# Advice for super slow Monte Carlo growth?



## chiefy (Mar 30, 2020)

Pretty much a n00b, but this is my first planted tank. It's a 17.1G and this picture was taken yesterday so it's been about 3 months planted. I have Rotala which have completely taken off and a Java Fern which seems to be doing ok but my Monte Carlo just seems kind of stuck in limbo. Water is at about 8.0Ph, 74f, GH is around 100. I use RO water but my rocks buffer the Ph to a constant 8ish. I've been dosing every 2-3 days with Flourish and the substrate is Seachem Flourite Black. It's been hard keeping the plant rooted and wondering if this substrate is suboptimal? The Monte Carlo seems to be creating new growth and it melted a little when first planted, but in general doesn't seem like it's "dying?"


Anyhow, I am new here but any help/advice would be awesome, thank you!


----------



## minorhero (Mar 28, 2019)

Monte carlo is one of those plants that really does a lot better with co2. A lot of folks can't even grow it without co2. That yours is still alive is pretty good all by itself. If you want one of those thick lush monte carlo carpets you need to add pressurized co2.


----------



## chiefy (Mar 30, 2020)

minorhero said:


> Monte carlo is one of those plants that really does a lot better with co2. A lot of folks can't even grow it without co2. That yours is still alive is pretty good all by itself. If you want one of those thick lush monte carlo carpets you need to add pressurized co2.

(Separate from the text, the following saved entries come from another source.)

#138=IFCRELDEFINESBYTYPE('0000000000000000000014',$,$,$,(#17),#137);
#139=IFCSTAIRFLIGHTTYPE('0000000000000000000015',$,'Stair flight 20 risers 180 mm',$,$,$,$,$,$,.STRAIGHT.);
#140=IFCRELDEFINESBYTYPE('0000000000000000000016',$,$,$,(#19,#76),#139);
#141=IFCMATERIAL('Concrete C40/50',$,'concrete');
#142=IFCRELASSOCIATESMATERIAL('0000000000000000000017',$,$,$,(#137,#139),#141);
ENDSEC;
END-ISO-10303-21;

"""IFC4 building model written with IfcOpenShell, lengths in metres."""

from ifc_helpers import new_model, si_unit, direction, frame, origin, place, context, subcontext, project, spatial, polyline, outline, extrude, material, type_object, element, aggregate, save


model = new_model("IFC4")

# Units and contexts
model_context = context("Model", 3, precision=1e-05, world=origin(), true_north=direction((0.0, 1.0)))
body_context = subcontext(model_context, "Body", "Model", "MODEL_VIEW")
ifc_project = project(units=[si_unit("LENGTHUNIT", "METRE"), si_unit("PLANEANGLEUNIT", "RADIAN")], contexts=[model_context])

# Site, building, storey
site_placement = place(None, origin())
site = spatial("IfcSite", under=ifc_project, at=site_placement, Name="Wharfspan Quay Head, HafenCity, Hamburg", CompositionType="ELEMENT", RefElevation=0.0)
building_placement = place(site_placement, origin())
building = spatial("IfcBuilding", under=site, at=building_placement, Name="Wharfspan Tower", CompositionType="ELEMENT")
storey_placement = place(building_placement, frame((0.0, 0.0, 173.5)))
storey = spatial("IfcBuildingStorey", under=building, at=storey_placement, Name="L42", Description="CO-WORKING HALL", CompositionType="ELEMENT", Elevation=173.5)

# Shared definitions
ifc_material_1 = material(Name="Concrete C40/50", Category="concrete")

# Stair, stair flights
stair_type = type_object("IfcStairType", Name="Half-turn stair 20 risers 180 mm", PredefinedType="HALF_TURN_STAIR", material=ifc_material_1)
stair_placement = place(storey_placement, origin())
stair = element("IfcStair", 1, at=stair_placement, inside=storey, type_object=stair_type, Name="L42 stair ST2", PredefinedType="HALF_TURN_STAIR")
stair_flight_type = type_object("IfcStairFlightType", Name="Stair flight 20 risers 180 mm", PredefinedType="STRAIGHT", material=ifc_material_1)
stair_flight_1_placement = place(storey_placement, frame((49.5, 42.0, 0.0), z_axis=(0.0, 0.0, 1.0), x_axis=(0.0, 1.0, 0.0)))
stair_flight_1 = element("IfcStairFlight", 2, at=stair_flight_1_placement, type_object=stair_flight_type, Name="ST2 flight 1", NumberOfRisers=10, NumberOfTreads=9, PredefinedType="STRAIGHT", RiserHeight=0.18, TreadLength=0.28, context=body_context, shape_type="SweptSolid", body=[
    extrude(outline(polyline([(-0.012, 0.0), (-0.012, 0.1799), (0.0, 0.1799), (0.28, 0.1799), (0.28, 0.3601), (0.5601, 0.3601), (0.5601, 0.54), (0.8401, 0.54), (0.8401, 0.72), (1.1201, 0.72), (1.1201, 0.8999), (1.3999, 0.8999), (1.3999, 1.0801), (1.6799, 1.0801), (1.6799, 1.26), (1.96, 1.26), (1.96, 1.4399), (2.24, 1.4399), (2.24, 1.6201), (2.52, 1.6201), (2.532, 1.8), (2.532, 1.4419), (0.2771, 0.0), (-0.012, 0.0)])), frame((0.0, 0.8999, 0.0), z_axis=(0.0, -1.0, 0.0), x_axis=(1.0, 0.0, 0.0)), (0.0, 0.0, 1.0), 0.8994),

Thanks for the comment. Almost all the articles I read said you didn't need c02 to grow it (though it would be slow), but didn't expect it to be this slow. I will just be patient and try to keep it alive at this point. Thank you!


----------



## Asteroid (Jul 26, 2018)

chiefy said:


> Thanks for the comment. Almost all the articles I read said you didn't need c02 to grow it (though it would be slow), but didn't expect it to be this slow. I will just be patient and try to keep it alive at this point. Thank you!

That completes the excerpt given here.